Article 13 of the Value-Added Tax Act, Article 59 of the Enforcement Decree of the Value-Added Tax Act (amended by Presidential Decree No. 14471 of December 31, 1994), Article 20(2)1 of the Special Consumption Tax Act

Reference Cases

Supreme Court Decision 87Nu1095 Decided April 12, 198 (Gong1988, 853) Supreme Court Decision 87Nu1155 Decided June 28, 198 (Gong1988, 1123)

Plaintiff, Appellant

Seoul High Court Decision 200Na14888 decided May 2, 2002

Defendant, Appellee

Director of the District Office

Judgment of the lower court

Seoul High Court Decision 95Gu1219 delivered on July 21, 1995

Text

The appeal is dismissed. The costs of appeal are assessed against the plaintiff.

Reasons

We examine the grounds of appeal.

In cases of exporting goods on which special consumption tax, etc. is levied, the amount of special consumption tax, etc. already paid shall be refunded, and such reason constitutes a case where the amount calculated by deducting the amount from the initial value of supply under Article 59 of the Enforcement Decree of the Value-Added Tax Act (amended by Presidential Decree No. 14471 of Dec. 31, 1994). Therefore, the amount equivalent to the special consumption

In such cases, the business operator who supplied the above goods shall obtain a return of modification on the portion equivalent to the amount equivalent to the special consumption tax, etc. refunded among the value-added tax paid, and the person who purchased and exported the above goods shall receive the revised tax invoice from the business operator and make late payment of the excess amount of the input tax already deducted.

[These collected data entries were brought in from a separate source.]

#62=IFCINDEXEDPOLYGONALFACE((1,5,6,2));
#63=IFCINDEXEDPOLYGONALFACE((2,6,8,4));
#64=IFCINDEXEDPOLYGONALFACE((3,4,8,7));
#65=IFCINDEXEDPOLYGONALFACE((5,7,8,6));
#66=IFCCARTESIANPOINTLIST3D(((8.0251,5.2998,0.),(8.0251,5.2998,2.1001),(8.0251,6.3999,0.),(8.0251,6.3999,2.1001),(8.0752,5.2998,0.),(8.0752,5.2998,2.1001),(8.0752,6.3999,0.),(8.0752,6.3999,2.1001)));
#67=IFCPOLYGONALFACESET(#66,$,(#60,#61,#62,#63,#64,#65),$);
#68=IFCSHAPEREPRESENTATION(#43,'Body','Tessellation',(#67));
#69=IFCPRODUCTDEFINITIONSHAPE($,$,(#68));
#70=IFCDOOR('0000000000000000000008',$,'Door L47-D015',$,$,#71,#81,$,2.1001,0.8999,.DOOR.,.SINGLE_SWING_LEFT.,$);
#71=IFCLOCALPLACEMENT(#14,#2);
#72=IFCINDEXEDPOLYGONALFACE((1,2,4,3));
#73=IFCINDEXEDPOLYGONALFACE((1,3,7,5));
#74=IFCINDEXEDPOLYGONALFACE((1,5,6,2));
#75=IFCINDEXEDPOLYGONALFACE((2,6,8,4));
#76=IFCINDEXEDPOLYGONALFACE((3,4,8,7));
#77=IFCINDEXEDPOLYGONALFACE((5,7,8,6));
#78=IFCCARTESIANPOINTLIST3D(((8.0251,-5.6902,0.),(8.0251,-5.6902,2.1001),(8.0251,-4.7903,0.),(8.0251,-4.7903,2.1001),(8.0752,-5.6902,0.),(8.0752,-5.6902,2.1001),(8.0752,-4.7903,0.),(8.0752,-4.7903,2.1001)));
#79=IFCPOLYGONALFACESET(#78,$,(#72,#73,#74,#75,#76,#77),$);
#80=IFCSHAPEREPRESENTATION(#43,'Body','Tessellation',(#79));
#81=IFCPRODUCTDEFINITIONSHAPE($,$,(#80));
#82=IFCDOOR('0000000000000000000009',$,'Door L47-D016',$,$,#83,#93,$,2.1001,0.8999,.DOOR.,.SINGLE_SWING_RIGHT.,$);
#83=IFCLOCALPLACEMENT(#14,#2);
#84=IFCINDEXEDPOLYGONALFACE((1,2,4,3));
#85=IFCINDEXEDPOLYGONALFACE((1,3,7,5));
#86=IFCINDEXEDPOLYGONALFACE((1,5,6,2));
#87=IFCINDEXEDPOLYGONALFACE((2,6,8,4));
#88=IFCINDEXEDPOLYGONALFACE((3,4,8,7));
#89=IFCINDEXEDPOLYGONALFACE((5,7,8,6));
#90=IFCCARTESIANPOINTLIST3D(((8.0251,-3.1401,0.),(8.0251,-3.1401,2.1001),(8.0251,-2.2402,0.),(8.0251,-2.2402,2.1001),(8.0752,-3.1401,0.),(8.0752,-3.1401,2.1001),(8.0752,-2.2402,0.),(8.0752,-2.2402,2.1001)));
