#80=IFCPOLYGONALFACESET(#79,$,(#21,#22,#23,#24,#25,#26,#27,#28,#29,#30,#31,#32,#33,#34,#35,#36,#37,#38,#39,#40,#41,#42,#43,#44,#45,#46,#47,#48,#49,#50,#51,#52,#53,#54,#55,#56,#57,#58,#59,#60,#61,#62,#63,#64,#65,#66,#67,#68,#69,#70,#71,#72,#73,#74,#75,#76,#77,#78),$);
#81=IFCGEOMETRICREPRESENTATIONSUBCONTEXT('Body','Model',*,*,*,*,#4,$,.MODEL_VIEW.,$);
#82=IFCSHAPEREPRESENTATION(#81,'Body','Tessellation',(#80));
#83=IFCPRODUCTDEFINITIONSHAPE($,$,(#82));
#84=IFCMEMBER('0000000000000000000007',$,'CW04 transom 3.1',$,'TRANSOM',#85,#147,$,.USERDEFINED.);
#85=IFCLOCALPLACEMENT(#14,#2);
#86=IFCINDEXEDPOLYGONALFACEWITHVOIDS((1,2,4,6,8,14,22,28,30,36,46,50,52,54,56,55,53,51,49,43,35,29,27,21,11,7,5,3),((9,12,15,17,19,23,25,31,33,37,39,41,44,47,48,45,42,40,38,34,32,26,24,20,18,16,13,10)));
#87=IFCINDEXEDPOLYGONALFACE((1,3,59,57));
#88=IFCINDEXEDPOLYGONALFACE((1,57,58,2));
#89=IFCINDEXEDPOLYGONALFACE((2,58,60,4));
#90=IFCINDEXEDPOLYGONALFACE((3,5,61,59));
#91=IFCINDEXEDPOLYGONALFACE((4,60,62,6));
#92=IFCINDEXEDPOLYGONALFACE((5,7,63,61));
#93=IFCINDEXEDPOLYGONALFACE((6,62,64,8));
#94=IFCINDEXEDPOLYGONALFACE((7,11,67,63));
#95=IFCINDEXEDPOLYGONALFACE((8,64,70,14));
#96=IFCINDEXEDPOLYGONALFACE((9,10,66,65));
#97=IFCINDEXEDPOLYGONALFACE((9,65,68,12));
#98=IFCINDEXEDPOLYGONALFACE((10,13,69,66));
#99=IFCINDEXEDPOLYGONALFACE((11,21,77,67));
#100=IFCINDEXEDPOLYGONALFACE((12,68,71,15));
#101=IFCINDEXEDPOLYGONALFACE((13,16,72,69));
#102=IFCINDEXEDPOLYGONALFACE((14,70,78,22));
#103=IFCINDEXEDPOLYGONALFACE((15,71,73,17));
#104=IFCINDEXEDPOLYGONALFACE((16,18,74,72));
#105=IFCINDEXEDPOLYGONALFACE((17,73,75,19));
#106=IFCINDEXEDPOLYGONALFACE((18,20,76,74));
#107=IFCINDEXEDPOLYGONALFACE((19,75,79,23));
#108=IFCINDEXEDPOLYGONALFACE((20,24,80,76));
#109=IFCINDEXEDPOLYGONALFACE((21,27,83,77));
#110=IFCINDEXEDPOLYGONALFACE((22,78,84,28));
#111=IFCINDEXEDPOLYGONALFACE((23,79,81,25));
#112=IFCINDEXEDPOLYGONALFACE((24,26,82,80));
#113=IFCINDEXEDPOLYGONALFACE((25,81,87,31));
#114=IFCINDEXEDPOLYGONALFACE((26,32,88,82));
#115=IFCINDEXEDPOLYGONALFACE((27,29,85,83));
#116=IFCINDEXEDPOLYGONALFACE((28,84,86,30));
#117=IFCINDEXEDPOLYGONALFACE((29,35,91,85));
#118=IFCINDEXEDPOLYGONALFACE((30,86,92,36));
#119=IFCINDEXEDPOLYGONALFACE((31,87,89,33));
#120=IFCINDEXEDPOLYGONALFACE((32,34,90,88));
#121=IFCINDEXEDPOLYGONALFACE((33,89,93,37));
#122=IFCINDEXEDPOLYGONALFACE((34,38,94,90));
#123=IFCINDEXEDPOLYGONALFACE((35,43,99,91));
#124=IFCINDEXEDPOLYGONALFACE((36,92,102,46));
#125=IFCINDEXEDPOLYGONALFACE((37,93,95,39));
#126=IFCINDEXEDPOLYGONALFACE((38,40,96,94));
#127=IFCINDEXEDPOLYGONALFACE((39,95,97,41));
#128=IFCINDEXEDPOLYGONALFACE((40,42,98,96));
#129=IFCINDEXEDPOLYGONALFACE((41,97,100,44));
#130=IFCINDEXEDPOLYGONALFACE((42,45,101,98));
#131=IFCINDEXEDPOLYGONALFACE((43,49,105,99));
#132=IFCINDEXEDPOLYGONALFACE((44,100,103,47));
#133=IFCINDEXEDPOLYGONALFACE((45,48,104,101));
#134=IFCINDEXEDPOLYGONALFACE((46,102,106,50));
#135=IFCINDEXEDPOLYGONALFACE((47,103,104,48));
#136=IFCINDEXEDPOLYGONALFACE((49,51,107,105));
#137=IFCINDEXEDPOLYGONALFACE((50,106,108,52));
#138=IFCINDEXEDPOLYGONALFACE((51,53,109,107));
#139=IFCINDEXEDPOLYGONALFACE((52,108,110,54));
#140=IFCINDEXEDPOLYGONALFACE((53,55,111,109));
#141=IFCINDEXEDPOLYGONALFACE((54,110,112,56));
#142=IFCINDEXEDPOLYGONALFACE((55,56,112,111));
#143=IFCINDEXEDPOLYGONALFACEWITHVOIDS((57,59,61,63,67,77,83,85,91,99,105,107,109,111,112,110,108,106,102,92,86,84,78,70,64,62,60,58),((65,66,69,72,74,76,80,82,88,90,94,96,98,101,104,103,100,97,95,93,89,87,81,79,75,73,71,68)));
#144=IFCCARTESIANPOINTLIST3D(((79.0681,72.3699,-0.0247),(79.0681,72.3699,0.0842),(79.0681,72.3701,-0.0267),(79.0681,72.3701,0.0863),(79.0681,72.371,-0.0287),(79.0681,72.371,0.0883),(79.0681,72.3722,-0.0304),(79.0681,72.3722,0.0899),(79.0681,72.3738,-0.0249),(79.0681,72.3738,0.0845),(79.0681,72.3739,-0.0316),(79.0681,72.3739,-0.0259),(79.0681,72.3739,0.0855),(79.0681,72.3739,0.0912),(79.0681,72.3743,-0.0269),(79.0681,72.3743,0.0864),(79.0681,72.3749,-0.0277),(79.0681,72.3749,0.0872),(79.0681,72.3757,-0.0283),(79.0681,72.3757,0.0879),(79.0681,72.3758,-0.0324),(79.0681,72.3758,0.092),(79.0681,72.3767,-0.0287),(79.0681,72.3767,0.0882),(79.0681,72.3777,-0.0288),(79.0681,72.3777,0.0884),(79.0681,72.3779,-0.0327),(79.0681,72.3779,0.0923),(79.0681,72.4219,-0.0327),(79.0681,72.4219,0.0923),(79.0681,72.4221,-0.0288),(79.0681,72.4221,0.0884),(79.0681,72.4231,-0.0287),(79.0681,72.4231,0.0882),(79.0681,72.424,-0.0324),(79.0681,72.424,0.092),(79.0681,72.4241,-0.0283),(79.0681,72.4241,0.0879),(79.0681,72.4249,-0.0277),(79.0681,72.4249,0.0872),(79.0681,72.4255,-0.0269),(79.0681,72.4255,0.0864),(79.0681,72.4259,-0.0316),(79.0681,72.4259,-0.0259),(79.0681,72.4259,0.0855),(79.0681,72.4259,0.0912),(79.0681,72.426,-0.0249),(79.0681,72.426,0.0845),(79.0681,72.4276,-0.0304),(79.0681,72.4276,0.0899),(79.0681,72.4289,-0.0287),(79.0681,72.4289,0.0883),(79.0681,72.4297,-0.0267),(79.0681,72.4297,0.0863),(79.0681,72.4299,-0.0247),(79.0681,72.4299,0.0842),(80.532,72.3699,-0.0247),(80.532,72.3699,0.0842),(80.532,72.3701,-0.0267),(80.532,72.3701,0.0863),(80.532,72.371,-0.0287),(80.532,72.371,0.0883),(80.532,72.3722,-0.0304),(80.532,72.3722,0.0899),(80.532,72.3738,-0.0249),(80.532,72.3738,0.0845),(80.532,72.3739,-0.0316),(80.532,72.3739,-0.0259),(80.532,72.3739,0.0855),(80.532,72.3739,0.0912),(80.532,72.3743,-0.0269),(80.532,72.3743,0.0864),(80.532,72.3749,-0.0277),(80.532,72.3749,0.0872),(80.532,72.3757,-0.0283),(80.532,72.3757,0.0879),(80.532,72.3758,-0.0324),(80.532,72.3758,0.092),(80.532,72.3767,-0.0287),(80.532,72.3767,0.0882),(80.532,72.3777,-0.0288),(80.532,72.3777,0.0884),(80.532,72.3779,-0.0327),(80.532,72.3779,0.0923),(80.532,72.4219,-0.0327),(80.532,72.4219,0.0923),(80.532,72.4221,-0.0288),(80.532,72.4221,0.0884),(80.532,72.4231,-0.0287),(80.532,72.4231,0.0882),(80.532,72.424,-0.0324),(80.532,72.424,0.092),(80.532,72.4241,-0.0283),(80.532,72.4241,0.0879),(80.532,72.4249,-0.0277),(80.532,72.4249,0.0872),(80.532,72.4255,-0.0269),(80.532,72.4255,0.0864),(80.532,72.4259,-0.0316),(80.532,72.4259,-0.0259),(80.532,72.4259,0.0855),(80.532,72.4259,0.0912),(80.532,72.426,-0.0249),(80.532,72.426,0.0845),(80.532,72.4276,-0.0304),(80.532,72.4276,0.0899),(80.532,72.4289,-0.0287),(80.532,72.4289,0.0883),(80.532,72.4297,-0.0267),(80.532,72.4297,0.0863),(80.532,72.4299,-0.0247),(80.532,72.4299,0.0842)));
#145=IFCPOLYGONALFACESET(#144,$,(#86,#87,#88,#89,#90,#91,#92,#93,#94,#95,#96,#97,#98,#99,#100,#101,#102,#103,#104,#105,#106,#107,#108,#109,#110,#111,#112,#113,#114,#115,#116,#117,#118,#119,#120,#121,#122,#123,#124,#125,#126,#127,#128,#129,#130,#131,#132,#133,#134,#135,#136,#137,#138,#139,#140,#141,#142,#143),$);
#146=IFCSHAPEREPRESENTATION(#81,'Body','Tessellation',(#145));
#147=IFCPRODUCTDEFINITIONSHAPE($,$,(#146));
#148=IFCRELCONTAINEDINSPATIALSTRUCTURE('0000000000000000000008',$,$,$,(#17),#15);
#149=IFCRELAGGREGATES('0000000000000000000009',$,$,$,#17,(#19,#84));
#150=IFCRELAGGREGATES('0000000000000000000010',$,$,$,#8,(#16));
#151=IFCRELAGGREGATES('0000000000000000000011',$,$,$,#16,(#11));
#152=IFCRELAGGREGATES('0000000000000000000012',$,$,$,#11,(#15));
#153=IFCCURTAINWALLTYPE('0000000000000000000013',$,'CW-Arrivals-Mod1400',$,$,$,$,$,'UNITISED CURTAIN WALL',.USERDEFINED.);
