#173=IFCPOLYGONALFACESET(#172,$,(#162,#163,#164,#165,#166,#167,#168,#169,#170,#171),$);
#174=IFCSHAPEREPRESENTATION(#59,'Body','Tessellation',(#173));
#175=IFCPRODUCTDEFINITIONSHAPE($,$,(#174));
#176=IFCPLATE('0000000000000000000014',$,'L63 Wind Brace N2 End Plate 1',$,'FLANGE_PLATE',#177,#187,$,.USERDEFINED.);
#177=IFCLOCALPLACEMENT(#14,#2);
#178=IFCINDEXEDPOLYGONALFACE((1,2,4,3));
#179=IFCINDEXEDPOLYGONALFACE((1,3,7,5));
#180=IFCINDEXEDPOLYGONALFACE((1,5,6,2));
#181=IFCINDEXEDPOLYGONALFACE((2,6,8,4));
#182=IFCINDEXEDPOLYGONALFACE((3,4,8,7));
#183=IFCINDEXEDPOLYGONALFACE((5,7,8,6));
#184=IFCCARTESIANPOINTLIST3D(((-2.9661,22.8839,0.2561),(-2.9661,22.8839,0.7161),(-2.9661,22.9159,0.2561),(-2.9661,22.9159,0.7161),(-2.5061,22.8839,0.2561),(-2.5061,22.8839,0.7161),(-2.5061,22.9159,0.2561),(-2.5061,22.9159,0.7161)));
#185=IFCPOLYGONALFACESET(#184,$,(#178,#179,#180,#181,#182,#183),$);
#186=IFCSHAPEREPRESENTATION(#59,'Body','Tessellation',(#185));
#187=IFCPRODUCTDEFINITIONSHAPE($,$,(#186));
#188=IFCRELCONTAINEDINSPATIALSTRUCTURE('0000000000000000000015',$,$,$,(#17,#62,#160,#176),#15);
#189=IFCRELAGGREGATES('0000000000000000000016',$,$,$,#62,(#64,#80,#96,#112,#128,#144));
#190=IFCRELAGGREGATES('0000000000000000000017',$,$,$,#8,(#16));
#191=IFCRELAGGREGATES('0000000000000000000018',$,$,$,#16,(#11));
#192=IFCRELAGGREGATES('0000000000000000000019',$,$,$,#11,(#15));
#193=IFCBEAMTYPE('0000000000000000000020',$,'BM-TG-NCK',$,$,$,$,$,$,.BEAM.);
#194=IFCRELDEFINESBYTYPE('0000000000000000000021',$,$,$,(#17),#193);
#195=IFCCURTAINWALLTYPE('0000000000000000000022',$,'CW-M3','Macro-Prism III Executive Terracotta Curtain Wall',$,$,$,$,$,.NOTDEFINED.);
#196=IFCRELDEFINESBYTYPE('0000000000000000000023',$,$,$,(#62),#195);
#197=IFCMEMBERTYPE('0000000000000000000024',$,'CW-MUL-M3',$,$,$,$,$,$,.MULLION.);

The judgment below to the same purport is just, and it is not erroneous in the misapprehension of legal principles as to the tax base of value-added tax.

The precedents of party members asserted by the theory of lawsuit are not appropriate in this case.

There is no reason to discuss this issue.

Therefore, the appeal is dismissed, and all costs of appeal are assessed against the losing party. It is so decided as per Disposition by the assent of all participating Justices.